15:24 dv_ otherwise it will be difficult to get to the data

15:24 _rmk_ for things like the reference buffers, it doesn't need to be mapped

15:24 dv_ yeah, but for input, it needs to

15:25 _rmk_ for input and maybe output depending on what you do with the decoded frames

15:25 dv_ yes

15:25 dv_ but I'd be happy with something like vdec_map / vdec_unmap

15:26 dv_ or vdec_get_virt_addr . both are okay

15:31 _rmk 15:31 * _rmk_ needs to reboot the cubox with kernel profiling enabled... but...

15:31 _rmk_ PID USER PR NI VIRT RES SHR S %CPU %MEM TIME+ COMMAND

15:31 _rmk_ 9734 cubox 20 0 167m 57m 36m S 29.0 8.0 0:58.51 vlc

15:31 _rmk_ Cpu(s): 27.2%us, 9.2%sy, 0.0%ni, 55.4%id, 0.0%wa, 2.4%hi, 5.8%si, 0.0%st

15:32 _rmk_ that's with AC3 output via spdif

15:32 _rmk_ 448kb/s A52 to be precise

15:33 dv_ nice. is this 5.1 ?

15:33 dv_ (I am not familiar with AC3)

15:33 _rmk_ yep

15:33 dv_ and, vlc built with iwmmxt enabled in libavcodec?

15:34 dv_ I was thinking about how ac3 is the one case where hw acceleration might pay off on cortex A8 class machines

15:34 dv_ *hw acceleration for audio decoding

15:34 _rmk_ it's my own vlc and libavcodec, libva and vmeta

15:35 _rmk_ I have a "HD audio rush" box connected to the spdif which can do non-audio decode

15:37 _rmk_ my el-cheapo tv can't cope with the AC3 stream, but then its got soo crappy speakers on it anyway that the volume is permanently set to -?dB

15:41 dv_ I found it funny the other day that video was using less CPU% than audio (thanks to vmeta and AC3)

15:43 jnettlet dv_, sorry was out walking the dogs while weather permitted.

15:43 jnettlet I do have XO-1.75's and XO-4's for testing

15:44 jnettlet The different versions are due to linking to different binaries, and also kernel interface versions. the XO-1.75 is using iWMMXt accelerated binaries and the XO-4 is using NEON

15:45 jnettlet although the XO-4 can also use the iWMMXt binaries. I never got a chance to profile the two instruction sets against one another. We figured NEON is better supported so we will just go with that.

15:46 jnettlet dv_, we have found audio using more cpu than video in a lot of our testing.

15:48 dv_ uh what?

15:48 dv_ I thought they all use the armada chips

15:48 dv_ so some armada chips have NEON?

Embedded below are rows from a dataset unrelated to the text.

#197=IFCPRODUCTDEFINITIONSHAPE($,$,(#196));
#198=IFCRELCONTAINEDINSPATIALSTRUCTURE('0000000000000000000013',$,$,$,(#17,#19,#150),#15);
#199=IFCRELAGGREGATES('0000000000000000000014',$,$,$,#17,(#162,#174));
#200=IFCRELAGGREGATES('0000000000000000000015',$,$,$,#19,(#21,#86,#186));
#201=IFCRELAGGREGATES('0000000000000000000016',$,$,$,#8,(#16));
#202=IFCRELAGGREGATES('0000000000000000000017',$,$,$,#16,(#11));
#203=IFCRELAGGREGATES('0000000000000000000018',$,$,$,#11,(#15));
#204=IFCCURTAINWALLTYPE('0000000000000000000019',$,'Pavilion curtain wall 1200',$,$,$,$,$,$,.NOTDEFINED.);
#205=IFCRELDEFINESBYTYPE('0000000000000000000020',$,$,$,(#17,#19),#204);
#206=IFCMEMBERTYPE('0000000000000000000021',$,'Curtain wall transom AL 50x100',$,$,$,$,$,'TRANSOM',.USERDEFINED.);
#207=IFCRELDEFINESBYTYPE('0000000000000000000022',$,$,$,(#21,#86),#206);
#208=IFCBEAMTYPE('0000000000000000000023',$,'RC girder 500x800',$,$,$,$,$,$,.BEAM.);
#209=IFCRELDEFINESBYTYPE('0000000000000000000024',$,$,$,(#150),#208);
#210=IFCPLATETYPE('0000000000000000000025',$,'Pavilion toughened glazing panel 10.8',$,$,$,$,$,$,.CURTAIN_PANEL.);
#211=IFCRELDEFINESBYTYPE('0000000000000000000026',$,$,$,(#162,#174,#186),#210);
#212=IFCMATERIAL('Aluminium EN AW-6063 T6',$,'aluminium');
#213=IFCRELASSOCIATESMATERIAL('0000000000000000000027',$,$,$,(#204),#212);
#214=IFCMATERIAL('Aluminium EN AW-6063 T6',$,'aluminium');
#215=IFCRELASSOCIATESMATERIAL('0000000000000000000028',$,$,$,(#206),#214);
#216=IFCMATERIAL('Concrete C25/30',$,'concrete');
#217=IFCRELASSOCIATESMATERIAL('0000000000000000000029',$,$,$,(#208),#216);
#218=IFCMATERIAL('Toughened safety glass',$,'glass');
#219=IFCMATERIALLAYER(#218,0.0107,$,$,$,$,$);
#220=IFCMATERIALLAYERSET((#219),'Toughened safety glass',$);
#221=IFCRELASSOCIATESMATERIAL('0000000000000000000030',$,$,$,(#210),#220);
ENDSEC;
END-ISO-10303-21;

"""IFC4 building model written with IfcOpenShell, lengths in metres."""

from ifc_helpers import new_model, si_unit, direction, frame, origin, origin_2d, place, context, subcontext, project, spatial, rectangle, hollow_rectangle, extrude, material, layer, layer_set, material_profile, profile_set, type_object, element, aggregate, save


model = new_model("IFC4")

16:00 jnettlet yep the new mmp3/pxa2128 or whatever you want to call it does. Supports both iWMMXt and NEON

16:00 dv_ whew. nice.

16:00 dv_ also, about the encoding I mentioned earlier. any idea

16:00 dv_ ?

16:01 dv_ it would otherwise be pointless for me to try to write an encoder as well, if the cubox cant encode

16:02 jnettlet yes the vMeta chip does support encoding. The newest marvell gstreamer plugins have a semi-working version of it implemented.

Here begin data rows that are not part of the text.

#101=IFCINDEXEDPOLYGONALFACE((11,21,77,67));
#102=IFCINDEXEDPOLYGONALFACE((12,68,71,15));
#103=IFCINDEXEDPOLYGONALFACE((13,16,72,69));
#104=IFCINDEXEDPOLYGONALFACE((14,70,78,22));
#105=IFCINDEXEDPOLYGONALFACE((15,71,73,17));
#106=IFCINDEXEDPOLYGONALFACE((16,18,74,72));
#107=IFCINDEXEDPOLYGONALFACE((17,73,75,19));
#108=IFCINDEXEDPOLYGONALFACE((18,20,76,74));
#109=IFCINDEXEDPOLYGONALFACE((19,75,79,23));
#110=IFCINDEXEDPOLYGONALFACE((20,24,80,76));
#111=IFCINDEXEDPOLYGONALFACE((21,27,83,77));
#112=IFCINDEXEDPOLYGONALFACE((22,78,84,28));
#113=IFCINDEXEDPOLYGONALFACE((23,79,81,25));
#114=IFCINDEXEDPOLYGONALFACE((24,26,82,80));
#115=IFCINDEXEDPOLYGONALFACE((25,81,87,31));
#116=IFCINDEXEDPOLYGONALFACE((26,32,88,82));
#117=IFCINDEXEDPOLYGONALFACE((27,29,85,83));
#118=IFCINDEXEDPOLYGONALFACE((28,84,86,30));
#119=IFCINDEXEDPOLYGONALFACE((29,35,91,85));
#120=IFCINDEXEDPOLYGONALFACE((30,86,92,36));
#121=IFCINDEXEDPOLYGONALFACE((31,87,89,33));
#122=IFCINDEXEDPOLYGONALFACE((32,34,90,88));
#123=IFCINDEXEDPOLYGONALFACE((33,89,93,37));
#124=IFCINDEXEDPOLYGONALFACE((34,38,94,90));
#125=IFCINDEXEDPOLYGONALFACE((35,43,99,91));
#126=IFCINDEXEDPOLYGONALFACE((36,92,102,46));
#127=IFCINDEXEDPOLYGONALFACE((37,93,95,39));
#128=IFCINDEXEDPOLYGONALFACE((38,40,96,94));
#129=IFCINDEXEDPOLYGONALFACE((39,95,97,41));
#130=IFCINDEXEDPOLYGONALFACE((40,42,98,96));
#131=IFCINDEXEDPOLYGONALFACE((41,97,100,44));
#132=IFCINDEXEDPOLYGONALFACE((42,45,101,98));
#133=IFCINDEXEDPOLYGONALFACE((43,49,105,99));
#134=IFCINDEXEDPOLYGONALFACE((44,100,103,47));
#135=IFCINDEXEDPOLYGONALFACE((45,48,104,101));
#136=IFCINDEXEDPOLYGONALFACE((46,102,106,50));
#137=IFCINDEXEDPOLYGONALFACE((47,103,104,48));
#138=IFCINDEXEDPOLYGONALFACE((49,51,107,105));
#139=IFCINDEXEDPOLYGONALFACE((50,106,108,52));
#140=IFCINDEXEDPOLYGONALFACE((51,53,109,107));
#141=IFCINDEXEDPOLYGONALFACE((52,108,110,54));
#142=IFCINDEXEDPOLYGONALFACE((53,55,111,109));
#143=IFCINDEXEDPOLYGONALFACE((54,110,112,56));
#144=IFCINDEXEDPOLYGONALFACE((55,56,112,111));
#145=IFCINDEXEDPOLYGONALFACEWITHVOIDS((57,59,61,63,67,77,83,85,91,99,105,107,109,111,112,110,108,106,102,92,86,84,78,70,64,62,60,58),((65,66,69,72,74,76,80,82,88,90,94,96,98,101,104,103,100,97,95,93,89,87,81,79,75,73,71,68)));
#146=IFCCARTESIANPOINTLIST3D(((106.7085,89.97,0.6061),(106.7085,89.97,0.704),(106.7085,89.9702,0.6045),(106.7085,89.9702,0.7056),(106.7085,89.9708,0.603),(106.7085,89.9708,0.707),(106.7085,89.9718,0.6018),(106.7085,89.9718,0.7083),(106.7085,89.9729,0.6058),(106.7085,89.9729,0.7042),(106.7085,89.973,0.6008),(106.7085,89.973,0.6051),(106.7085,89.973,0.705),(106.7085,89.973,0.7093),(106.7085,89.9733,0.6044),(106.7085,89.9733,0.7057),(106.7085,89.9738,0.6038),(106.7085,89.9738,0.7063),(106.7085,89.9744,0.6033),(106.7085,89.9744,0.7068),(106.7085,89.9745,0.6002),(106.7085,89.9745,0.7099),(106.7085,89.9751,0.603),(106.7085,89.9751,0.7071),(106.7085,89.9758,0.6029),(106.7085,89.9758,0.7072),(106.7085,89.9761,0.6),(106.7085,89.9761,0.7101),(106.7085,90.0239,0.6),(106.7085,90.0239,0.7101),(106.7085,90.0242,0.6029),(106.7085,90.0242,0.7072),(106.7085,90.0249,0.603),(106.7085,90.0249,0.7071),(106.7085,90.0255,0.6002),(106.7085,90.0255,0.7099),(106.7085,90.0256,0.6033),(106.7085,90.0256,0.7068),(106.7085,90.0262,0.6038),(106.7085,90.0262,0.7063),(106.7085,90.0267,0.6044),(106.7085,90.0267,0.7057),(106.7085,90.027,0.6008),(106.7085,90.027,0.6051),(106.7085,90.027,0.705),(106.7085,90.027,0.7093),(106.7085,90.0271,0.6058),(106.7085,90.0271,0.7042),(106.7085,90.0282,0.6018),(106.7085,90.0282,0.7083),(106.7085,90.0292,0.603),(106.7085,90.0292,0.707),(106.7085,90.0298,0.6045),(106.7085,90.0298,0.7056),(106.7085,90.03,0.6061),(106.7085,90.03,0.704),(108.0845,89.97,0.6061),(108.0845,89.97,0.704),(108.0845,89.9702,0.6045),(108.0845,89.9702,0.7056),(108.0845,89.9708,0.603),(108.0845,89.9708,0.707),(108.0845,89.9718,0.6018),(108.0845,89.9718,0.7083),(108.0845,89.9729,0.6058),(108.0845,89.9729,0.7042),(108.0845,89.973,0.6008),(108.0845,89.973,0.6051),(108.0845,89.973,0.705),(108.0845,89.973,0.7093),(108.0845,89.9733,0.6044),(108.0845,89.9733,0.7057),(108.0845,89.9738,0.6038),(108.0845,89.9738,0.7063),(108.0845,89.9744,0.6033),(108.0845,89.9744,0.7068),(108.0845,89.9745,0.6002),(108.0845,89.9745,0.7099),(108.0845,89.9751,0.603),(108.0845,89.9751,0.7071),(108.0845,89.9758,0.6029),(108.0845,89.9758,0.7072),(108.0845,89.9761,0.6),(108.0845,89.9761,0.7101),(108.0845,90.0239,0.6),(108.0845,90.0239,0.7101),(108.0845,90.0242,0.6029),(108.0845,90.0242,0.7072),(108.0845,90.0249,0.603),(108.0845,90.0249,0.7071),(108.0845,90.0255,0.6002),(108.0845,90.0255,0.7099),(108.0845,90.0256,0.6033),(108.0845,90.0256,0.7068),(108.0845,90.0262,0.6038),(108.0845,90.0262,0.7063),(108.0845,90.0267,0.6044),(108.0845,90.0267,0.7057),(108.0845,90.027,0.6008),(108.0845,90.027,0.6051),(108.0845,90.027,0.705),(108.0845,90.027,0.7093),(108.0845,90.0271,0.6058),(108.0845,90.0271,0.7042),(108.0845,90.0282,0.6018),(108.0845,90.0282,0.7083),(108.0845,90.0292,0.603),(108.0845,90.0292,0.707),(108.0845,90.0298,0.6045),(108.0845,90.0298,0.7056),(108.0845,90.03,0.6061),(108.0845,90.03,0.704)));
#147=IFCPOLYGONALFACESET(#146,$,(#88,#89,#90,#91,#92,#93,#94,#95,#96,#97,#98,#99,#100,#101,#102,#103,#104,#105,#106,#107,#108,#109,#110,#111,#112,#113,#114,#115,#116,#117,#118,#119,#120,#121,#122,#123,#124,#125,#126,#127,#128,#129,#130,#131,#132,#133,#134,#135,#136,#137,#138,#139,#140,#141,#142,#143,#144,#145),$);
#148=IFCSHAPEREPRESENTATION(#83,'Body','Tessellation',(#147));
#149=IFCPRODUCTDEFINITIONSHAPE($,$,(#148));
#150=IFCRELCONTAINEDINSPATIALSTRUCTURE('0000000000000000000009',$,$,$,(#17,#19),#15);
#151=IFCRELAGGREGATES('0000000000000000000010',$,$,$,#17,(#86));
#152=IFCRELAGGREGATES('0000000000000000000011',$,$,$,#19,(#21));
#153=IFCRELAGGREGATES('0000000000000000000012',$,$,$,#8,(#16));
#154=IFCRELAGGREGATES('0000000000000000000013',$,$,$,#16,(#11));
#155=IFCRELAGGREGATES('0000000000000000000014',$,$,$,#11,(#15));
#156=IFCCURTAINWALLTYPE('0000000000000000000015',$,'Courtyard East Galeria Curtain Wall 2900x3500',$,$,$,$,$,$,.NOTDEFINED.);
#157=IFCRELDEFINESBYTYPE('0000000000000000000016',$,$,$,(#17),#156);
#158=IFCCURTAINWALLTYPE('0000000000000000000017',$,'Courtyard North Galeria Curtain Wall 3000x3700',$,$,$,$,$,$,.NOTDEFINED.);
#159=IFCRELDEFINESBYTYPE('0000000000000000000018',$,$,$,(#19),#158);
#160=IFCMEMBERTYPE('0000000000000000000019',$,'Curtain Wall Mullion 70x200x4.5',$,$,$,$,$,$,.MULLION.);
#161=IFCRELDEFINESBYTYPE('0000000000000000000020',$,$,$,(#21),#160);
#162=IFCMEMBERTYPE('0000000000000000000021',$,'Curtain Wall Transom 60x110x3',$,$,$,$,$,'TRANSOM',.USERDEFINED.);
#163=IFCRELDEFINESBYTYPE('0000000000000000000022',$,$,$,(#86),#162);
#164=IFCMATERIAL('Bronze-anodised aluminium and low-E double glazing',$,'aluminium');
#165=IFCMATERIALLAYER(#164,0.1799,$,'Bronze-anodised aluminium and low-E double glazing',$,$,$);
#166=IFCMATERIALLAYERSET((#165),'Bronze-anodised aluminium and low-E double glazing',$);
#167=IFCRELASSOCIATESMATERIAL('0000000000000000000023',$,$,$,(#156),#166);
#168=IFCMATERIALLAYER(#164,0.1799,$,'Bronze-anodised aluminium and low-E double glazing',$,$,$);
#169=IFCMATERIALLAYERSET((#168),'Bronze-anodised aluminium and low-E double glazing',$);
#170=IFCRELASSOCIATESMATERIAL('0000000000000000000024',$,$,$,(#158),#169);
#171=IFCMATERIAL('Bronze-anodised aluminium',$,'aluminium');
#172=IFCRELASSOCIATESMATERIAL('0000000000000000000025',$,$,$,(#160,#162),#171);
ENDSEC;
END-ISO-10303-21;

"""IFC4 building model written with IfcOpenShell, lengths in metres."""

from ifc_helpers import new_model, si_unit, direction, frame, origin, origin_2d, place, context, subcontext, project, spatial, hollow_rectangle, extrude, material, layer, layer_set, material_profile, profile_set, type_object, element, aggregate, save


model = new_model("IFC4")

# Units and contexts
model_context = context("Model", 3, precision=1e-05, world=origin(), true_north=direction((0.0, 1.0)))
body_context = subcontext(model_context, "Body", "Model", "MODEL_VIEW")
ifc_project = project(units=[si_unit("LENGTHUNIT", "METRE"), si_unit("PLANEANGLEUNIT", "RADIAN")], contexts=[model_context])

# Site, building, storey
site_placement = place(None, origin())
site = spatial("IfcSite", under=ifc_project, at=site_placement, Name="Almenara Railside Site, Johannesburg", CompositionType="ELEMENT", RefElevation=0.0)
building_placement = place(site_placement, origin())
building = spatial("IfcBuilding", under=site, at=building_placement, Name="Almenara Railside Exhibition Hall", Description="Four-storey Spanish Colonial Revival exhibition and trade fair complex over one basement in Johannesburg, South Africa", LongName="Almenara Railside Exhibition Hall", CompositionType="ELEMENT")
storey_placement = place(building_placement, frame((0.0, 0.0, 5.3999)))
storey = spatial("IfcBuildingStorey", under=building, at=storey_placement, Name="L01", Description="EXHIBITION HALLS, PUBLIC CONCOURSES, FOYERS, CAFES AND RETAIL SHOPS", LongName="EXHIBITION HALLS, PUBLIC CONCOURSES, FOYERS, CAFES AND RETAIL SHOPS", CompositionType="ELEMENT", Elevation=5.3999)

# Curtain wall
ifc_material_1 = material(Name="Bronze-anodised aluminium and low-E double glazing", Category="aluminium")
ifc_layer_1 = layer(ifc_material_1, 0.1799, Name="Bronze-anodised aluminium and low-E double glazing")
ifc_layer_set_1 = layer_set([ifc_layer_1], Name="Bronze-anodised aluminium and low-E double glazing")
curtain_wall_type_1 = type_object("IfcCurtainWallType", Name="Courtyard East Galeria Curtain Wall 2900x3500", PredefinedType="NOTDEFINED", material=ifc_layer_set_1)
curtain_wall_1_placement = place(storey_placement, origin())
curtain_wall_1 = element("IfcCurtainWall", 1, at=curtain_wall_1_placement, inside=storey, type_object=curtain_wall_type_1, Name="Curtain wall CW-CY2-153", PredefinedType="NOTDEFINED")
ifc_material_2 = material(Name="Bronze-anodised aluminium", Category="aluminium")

16:03 dv_ and the newest plugins are in dev.laptop.org/dsd/

16:03 dv_ uh no, wrong urk

16:03 dv_ *url

16:03 dv_ this http://dev.laptop.org/git/users/dsd/gst-plugins-marvell/

16:04 jnettlet looks like he has stripped out the encoder plugin.

16:04 jnettlet 1 sec

16:05 dv_ no wait

16:05 dv_ switch the branch to mmp3

16:05 dv_ http://dev.laptop.org/git/users/dsd/gst-plugins-marvell/tree/src/vmeta?h=mmp3

16:07 jnettlet yep they are under mmp3

16:07 dv_ hmm strange how there are different elements for each bitstream

16:07 jnettlet the source in that branch is not mmp3 specific just the binary code

16:08 jnettlet well you need to tell the encoder what to output.

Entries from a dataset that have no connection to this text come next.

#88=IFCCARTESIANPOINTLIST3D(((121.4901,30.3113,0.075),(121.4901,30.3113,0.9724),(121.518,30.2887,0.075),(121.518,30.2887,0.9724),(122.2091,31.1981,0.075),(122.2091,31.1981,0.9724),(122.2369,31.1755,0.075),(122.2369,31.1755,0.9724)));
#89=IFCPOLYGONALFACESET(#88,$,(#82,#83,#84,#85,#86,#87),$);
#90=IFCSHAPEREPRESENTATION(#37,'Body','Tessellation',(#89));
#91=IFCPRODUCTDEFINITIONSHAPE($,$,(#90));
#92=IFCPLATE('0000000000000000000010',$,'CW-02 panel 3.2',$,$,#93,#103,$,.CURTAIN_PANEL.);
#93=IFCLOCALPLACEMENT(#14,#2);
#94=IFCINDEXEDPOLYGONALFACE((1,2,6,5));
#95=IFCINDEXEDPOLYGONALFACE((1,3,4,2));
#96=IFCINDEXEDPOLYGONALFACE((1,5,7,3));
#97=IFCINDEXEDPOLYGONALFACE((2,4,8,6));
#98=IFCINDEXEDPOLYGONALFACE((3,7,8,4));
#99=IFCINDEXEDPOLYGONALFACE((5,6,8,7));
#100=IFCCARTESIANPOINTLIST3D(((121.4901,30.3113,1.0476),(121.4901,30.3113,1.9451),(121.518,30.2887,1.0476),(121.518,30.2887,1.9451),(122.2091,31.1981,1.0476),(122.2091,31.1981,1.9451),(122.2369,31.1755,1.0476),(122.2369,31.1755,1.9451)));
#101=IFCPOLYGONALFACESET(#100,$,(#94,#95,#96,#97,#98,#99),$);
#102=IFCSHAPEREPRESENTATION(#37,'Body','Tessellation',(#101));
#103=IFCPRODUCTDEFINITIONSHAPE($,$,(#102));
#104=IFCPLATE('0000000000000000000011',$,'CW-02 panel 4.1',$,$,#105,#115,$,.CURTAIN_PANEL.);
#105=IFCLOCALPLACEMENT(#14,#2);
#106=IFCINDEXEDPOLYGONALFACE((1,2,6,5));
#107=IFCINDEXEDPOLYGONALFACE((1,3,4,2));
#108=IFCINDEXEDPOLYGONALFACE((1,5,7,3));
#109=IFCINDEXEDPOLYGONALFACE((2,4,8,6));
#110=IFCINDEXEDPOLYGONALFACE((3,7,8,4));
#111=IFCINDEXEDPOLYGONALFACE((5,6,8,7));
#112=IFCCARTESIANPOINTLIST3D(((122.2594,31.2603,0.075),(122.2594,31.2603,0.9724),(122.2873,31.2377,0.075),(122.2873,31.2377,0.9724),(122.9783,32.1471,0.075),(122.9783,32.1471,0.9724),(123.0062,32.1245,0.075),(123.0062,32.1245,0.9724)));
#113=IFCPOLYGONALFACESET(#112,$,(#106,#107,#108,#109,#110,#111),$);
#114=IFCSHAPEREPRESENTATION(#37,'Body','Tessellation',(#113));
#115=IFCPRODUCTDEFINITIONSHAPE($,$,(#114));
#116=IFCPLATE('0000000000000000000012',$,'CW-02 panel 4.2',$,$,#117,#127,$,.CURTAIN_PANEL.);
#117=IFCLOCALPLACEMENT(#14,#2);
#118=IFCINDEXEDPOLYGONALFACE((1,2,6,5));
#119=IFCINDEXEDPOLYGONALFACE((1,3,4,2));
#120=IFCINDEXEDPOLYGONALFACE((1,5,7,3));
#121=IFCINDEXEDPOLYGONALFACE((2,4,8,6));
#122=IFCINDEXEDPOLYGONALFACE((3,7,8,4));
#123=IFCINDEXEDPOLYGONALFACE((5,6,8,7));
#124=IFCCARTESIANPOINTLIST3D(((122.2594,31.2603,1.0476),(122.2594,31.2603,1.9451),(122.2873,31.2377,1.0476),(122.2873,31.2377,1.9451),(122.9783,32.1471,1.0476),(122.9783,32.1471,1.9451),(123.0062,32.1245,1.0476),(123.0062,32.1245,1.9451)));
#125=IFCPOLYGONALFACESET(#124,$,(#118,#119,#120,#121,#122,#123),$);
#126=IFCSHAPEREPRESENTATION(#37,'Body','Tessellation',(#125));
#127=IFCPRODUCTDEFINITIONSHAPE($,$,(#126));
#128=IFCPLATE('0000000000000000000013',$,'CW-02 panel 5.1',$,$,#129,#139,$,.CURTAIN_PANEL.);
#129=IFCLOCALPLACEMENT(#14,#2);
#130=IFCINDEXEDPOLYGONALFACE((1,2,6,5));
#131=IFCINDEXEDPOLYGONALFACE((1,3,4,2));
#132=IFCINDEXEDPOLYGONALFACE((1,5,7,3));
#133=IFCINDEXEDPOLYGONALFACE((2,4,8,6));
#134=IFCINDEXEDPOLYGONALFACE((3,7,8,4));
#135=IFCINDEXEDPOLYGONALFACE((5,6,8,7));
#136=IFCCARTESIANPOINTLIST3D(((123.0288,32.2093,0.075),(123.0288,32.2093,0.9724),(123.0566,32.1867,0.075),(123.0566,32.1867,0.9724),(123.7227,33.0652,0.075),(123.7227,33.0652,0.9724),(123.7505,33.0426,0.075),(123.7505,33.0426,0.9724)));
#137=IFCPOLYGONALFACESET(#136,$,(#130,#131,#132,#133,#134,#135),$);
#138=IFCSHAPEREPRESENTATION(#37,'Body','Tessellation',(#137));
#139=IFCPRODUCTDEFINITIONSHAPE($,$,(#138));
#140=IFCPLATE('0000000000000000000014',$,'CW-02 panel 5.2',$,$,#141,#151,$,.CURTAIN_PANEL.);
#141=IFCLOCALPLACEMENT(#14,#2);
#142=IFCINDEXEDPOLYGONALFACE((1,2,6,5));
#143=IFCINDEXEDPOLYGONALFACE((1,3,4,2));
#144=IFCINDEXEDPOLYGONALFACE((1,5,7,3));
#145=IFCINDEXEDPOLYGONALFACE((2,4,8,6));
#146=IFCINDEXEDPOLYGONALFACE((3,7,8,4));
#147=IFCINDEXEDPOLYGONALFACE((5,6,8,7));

16:08 jnettlet and each format takes different parameters

16:08 dv_ hmm actually thats a good point :)

16:08 dv_ you could probably also do it using explicit caps

16:08 dv_ but thats rather awkward to do

16:09 dv_ alright, and the last bit: xv output. I wonder, why does vmetaxv - the bmmxvimagesink successor - now use libphycontmem instead of libbmm?

16:09 dv_ is phycontmem an attempt to fix libbmm design flaws?

16:11 jnettlet libphycontmem is an abstraction that Marvell introduced when switching from bmm to pmem. Which was good because it made it relatively painless to then switch to using ION memory manager.

16:12 jnettlet Really we could add a bmm backend to libphycontmem as well. Danial wrote it so it tries to auto-detect the api supported by the kernel

16:12 dv_ ah

16:12 dv_ and pmem no longer requires the vmem= kernel parameter?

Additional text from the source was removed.